Menjawab situasi di atas, mari kita gali lebih dalam Kitab Amsal yang memiliki posisi yang cukup bijak dalam menjawab persoalan perdebatan akal budi dengan iman. Kitab Amsal merupakan sebuah kitab yang berisi petuah kehidupan. Petuah itu merupakan hikmat, yang dalam beberapa bagian diidentikkan dengan akal budi dan pengetahuan. Jelas, terdapat peran akal budi dalam kedamaian dan kesejahteraan hidup manusia. Bahkan, mendengarkan hikmat dan memakai akal budi adalah salah satu tanda ketertundukan kepada Allah.
Perikop bacaan kita hari ini cukup banyak berbicara mengenai hidup yang berakal budi (2-5, 10-11, 13-15). Bahkan, tertulis bahwa menjalani hidup yang berakal budi berarti memegang firman Tuhan (6, 8). Siapa saja yang menaati ketetapan Allah dan firman-Nya akan selamat (16). Hidup yang bersandar pada hikmat Tuhan menuntun seseorang untuk memiliki kelakuan yang bersih. Tertulis bahwa memiliki orang-orang yang penuh hikmat dan berakal budi di sekitar kita adalah sebuah berkat tersendiri (14). Sebaliknya, berada di sekeliling orang bebal adalah malapetaka tersendiri (13).
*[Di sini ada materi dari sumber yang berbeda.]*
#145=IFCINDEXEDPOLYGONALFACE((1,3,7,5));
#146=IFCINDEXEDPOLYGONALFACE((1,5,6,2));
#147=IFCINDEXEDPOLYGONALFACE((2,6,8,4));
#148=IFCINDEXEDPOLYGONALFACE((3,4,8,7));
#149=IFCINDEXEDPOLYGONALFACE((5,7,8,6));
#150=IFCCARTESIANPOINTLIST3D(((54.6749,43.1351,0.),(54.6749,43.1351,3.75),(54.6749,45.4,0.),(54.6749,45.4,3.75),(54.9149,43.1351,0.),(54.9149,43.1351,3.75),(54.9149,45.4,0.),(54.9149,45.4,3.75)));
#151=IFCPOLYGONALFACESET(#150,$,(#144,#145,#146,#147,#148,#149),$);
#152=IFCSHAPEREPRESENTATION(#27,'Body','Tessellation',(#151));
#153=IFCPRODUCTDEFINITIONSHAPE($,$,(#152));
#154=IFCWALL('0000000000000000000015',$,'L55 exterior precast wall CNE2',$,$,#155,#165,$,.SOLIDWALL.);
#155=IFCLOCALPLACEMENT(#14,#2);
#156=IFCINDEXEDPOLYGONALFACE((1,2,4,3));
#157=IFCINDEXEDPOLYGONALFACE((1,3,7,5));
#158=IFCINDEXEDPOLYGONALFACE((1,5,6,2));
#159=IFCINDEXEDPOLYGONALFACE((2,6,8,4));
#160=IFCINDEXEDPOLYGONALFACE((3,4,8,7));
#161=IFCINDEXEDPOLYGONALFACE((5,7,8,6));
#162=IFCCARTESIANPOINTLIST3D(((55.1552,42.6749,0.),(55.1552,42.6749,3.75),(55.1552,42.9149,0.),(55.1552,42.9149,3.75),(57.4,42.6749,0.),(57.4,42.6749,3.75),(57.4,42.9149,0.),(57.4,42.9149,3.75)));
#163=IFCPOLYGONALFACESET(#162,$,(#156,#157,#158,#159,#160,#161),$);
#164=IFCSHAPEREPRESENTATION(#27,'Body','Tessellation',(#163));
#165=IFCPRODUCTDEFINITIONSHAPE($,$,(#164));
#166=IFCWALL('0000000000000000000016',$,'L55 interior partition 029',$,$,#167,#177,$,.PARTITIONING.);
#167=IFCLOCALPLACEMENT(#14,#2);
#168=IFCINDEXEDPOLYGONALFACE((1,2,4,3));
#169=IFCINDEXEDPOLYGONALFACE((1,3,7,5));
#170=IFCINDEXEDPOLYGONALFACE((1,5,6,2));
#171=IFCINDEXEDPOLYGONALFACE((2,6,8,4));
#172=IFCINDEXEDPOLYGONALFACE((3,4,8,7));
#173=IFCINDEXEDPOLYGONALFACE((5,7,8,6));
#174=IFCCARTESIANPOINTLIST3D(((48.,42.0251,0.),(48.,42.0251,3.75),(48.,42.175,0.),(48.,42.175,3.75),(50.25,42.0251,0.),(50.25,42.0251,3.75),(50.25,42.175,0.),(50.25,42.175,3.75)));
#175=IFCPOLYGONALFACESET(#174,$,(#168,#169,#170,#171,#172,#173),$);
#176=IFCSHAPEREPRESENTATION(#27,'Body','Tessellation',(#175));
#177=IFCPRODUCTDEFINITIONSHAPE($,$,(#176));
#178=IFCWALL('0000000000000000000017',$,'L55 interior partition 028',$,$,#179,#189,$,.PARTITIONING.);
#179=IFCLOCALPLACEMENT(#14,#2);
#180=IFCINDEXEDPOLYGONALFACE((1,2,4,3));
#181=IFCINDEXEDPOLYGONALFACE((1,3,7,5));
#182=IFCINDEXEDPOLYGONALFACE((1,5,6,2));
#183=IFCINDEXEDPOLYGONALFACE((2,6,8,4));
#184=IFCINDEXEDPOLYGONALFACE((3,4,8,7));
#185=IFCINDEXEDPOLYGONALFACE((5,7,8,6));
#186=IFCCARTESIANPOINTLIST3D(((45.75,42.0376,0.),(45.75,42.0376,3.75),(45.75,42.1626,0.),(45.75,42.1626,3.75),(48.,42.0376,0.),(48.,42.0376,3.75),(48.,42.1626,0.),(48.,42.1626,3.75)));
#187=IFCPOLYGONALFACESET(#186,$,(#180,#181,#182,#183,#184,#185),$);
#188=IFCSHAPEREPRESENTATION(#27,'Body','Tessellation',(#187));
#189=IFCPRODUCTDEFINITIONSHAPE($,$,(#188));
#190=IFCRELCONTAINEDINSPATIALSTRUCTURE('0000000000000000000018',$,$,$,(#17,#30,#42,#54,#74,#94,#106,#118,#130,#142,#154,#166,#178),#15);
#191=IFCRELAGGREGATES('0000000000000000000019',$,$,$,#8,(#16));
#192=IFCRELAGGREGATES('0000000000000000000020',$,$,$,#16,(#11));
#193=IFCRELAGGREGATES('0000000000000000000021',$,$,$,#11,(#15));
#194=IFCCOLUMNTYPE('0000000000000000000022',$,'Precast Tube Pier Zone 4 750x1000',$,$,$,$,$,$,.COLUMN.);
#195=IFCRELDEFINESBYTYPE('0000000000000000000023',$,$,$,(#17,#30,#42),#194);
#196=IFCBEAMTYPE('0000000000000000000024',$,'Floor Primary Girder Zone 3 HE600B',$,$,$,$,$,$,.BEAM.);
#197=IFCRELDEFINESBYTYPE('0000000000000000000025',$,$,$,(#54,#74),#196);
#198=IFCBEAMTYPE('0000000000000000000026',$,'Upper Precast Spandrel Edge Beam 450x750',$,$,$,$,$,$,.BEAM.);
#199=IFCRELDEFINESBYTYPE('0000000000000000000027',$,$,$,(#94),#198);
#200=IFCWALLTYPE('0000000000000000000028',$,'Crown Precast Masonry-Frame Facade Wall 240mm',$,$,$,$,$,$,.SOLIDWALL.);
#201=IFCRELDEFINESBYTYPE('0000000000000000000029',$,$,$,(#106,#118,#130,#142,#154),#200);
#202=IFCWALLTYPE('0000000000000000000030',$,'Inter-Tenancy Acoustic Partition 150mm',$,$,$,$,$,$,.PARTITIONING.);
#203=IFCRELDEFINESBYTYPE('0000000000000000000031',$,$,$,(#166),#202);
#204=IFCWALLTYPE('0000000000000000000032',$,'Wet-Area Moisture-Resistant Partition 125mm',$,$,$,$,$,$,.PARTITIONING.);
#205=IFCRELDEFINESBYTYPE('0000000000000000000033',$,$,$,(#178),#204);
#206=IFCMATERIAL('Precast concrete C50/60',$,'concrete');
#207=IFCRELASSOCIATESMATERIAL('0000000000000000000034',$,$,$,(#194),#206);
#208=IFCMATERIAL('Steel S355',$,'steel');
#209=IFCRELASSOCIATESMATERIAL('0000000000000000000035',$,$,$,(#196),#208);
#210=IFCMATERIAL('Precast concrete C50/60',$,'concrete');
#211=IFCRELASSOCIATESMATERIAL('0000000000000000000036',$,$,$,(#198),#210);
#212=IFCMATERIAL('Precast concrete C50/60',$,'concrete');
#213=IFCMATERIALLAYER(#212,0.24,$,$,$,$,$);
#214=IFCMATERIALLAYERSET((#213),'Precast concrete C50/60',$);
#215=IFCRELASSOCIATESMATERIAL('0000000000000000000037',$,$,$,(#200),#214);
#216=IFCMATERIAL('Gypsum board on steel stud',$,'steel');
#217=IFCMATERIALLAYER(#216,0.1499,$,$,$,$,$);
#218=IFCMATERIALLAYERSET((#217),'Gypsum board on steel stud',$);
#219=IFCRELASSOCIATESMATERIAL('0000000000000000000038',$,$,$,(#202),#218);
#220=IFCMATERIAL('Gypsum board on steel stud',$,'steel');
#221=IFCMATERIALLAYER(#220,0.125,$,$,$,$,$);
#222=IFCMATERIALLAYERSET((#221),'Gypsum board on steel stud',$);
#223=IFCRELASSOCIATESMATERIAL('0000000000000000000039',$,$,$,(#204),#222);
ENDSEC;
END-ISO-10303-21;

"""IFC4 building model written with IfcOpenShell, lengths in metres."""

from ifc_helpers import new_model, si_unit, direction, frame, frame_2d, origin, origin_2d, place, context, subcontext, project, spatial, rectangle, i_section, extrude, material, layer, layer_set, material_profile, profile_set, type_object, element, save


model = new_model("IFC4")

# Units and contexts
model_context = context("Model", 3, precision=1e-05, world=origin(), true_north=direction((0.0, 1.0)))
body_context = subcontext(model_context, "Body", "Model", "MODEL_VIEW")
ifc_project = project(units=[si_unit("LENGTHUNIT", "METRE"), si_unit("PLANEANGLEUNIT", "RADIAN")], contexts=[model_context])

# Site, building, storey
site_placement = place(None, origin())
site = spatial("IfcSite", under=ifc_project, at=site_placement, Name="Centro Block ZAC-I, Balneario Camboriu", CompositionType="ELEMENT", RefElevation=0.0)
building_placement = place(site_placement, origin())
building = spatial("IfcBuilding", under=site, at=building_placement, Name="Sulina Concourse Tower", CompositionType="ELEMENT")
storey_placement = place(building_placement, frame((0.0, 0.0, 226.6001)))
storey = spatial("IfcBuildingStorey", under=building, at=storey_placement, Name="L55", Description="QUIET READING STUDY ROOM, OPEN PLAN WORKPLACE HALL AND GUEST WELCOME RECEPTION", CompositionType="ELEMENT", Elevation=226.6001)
Kehidupan yang penuh hikmat dan taat kepada Tuhan menuntun orang untuk mewujudkan hidup yang penuh belas kasih kepada sesama. Menjalani hidup yang berbelas kasihan berarti mau memerhatikan orang miskin dan lemah dengan cara berderma dan berbuat baik. Mari kita wujudkan kepedulian terhadap sesama, terutama mereka yang memerlukan pertolongan.
Oleh sebab itu, marilah kita mensyukuri akal budi pemberian Allah dan memakainya untuk mewujudkan kasih serta hidup yang penuh belas kasihan. Dengarkanlah hikmat Allah yang dapat kita temui dalam segenap hidup keseharian kita.